I'm astonished that so many have never heard of *Watership Down *by Richard Adams, especially as it was among the many influences that first brought about furry fandom in the 80's.  It was published in the mid-70's and immediately struck a chord with readers, flying to the top of the book charts for several months.  The animated movie followed a couple of years later and was amazingly faithful to the novel (a few things were altered for the sake of telling the tale visually -- some things that work well in prose don't really translate well in film).  Despite the fact that the protagonists were anthropomorphized rabbits, the book was aimed at an adult audience, which is probably why it was so successful.  It's since been acknowledged as a bonafide classic.

Adams wrote other novels that did well, such as: *Tales From Watership Down*, a sequel collection of short stories; *Plague Dogs*, a much grimmer tale about dogs used as lab specimens as seen from the dogs' POV, and which was also made into an animated film by the same animators; and *Shardik*, about a medieval hunter seeking a confrontation with God's avatar, a giant bear.  All excellent reads and all recommended.


----------



## Gavrill (Sep 11, 2010)

I watched the Watership Down movie, as well as Plague Dogs.


----------



## BasementRaptor42 (Sep 11, 2010)

cpam, were you trying to link the bold text? If so, you failed.


----------



## SnowFox (Sep 11, 2010)

BasementRaptor42 said:


> cpam, were you trying to link the bold text? If so, you failed.


 
But if he was trying to Wolf-Bone his post, he succeeded quite well.


----------



## cpam (Sep 11, 2010)

BasementRaptor42 said:


> cpam, were you trying to link the bold text? If so, you failed.


 
I wasn't trying to link the bold text; I was only making the bold text... bold.


----------



## PenningtontheSkunk (Sep 11, 2010)

That story book I died a little inside. Very sad book it is.


----------



## Riley (Sep 11, 2010)

RageDragon said:


> OH YOUR WHORE ASS CAN BURN IN HELL!1
> j/k<3
> 
> Actually, a lot of the welps in this community would of never heard of Watership Down nor would they even know of the horrorific bloody movie that spawned it. Still, if you've never watched the "Secret of Nihm" I really will have to call you a whore and burn you at the stake. D:


 
If you've never watched The Secret of NIHM, you should keep it that way because it completely butchered an amazing story.


----------



## Shark_the_raptor (Sep 11, 2010)

I haven't read it either.  And I don't plan to.


----------



## DukeofDellot (Sep 11, 2010)

You know...  I've run a one-shot of the game, but never read the book.

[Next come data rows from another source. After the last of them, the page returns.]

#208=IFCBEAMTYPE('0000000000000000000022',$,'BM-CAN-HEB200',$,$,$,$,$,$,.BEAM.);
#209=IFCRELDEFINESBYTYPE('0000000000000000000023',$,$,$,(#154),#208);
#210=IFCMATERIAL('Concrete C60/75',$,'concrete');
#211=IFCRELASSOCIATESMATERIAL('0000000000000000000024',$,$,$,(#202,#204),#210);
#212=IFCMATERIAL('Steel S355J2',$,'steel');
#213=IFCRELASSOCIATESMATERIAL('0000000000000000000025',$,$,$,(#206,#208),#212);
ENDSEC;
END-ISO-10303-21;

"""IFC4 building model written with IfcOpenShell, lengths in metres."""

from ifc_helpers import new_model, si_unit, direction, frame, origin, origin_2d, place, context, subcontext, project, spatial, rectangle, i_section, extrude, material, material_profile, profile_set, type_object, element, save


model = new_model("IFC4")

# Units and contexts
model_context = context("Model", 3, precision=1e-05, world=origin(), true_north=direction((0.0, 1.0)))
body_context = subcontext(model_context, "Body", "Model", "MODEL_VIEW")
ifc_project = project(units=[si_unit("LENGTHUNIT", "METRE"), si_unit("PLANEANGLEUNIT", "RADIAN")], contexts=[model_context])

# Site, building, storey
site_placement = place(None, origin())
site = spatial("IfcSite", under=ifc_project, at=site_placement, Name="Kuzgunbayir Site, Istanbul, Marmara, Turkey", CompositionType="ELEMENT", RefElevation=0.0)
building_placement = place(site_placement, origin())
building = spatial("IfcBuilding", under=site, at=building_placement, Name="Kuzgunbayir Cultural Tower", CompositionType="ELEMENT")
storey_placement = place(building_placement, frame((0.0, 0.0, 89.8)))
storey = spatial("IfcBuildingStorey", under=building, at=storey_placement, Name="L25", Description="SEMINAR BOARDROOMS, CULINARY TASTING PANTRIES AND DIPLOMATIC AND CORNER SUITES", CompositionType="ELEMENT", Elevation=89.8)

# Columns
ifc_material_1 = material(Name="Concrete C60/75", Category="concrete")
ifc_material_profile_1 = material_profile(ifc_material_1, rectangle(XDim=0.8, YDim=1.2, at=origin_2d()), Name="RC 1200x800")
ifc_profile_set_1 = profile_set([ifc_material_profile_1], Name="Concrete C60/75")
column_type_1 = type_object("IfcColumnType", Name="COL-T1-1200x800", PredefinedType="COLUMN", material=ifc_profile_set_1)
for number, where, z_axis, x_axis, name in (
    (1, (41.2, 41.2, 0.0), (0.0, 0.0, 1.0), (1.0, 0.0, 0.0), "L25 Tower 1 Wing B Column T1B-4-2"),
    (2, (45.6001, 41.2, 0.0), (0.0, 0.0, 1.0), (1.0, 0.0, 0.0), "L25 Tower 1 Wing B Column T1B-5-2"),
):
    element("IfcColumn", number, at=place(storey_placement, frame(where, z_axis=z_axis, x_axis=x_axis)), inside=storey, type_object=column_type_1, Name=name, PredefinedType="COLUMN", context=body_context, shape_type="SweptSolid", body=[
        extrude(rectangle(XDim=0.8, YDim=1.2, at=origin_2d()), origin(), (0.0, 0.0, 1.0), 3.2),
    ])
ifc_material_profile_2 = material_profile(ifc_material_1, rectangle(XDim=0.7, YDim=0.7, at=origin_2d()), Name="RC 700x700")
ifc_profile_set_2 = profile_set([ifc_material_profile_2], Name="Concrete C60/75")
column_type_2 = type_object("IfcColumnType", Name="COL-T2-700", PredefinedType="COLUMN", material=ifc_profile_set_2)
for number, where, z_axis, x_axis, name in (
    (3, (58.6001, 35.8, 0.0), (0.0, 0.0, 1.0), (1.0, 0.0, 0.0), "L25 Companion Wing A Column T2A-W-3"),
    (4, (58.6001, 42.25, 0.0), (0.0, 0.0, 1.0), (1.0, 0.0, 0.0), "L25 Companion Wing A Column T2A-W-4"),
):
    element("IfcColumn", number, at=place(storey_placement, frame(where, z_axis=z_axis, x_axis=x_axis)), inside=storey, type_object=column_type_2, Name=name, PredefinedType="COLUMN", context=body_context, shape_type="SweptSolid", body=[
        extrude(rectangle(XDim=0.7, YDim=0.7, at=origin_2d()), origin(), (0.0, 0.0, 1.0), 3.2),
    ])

Half of everyone I know has, and I've heard a lot of talk about it, but I'm really busy reading too many other books...  and running games.

Bunnies and Burrows is pretty fun though...  I got the old, old one, I'd kinda like to pick up the relatively new one, but as a game you only play once a year, I doubt I would do so.


----------



## cpam (Sep 11, 2010)

Riley said:


> If you've never watched The Secret of NIHM, you should keep it that way because it completely butchered an amazing story.


 
I wouldn't say that it butchered it.  I'd say that it altered it and created a different but equally amazing story.  Both versions were quite good, though they ultimately went in different directions.


----------



## Riley (Sep 11, 2010)

cpam said:


> I wouldn't say that it butchered it.  I'd say that it altered it and created a different but equally amazing story.  Both versions were quite good, though they ultimately went in different directions.


 
I honestly hated it.  It took a carefully crafted story about the ambiguity of morality and turned it into standard magical hippy bullshit.


----------



## EdieFantabulous (Sep 11, 2010)

Don't worry, I don't know what that is.


----------



## Fay V (Sep 11, 2010)

Riley said:


> I honestly hated it.  It took a carefully crafted story about the ambiguity of morality and turned it into standard magical hippy bullshit.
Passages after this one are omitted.